Your Smartphone's Dirty, Radioactive Secret - sc68cal
http://www.motherjones.com/environment/2012/11/rare-earth-elements-iphone-malaysia
======
DanBC
This article isn't very good. It starts by mentioning some information about
Foxconn. Suicides, for example, are less common at Foxconn than in the general
population. So things are a bit more complicated than this article
portrays.[1]

The article talks about the radioactive waste products. That's normally
thorium. But the Lynas site (Mount Weld) has high concentrations of rare
earths, is a huge site, and has low levels of thorium contamination. People
are rightly concerned about radioactive waste being left in Malaysia. Lynas
wanted to ship the radioactive waste back to Australia for processing, but
they are forbidden from doing so by Australian law.

Some people are suggesting that Lynas is using Malaysia to avoid environmental
laws thus cutting costs.
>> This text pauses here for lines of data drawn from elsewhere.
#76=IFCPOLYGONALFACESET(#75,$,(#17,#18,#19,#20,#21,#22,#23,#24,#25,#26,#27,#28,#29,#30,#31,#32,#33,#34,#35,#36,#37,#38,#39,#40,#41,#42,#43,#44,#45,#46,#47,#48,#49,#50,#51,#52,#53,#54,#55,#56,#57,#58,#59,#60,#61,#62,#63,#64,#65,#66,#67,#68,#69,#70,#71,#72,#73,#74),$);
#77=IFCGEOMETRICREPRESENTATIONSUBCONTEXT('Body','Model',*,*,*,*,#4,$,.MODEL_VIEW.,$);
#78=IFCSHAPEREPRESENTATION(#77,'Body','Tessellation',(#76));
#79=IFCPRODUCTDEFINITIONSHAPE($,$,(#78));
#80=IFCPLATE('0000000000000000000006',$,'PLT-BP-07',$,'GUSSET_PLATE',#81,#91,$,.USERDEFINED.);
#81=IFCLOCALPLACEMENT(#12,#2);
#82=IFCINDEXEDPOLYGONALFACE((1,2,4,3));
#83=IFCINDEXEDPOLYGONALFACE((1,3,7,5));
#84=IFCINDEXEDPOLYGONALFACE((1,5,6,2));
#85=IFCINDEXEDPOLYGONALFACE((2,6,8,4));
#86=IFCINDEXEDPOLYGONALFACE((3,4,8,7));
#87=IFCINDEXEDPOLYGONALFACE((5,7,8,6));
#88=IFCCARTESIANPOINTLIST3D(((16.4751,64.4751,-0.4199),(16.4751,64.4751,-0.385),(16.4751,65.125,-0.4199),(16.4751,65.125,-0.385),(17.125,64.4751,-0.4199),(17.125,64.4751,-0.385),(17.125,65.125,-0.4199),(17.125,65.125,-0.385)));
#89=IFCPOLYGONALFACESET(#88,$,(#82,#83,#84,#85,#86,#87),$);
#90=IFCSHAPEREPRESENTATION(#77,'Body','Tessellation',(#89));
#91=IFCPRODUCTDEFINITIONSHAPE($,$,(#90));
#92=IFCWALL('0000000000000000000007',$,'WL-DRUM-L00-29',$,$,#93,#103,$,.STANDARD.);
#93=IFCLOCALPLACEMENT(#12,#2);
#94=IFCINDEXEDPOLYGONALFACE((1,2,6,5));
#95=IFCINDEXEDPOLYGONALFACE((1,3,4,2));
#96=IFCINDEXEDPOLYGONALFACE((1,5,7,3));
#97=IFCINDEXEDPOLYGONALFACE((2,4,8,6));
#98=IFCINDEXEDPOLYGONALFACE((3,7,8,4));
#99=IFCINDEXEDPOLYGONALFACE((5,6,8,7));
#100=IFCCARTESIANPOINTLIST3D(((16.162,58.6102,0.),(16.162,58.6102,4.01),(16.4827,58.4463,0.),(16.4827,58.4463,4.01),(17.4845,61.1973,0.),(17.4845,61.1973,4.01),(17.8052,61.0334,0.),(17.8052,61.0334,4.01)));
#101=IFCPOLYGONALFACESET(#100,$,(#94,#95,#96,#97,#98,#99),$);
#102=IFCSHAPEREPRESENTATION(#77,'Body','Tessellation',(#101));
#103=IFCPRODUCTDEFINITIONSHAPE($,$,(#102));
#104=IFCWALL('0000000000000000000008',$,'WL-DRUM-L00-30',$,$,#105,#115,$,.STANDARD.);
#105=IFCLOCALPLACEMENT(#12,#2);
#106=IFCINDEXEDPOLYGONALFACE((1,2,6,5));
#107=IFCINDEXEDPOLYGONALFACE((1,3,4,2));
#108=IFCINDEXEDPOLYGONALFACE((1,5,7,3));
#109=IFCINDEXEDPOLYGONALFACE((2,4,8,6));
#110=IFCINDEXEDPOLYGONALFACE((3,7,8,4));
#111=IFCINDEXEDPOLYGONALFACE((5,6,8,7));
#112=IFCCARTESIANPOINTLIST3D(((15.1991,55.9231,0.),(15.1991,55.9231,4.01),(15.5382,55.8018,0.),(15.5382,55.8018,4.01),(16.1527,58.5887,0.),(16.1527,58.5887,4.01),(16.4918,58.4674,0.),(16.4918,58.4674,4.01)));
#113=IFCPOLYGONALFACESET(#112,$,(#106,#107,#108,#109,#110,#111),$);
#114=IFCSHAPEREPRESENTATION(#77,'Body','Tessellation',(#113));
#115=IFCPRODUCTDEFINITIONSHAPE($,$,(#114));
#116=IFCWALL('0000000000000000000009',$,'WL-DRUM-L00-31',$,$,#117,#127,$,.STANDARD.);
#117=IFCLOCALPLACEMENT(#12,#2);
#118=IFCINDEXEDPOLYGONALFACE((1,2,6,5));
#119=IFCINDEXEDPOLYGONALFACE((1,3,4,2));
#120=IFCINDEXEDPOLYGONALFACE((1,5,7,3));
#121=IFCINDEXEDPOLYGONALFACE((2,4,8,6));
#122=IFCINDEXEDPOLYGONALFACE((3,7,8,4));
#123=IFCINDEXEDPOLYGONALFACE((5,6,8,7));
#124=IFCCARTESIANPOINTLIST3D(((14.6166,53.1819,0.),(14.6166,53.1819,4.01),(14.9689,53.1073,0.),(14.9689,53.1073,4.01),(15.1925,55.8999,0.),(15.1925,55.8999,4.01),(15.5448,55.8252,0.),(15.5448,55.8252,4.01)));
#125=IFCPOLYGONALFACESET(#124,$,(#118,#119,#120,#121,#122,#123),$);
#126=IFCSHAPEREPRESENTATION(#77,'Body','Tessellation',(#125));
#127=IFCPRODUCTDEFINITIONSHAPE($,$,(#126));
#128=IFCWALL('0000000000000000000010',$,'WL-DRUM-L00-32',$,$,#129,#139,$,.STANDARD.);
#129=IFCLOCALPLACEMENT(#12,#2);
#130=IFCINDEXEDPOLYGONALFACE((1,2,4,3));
But Malaysia gave them a 12 month tax break, and was
already cheaper than Australia, so environmental laws don't appear to be the
main motivator. (Although cheaper costs because of less strict environmental
protections is probably an important factor.)

It is frustrating that all reporting about this is emotive or otherwise sub-
optimal.

[1] I think that conditions at Foxconn are appalling and need to be improved.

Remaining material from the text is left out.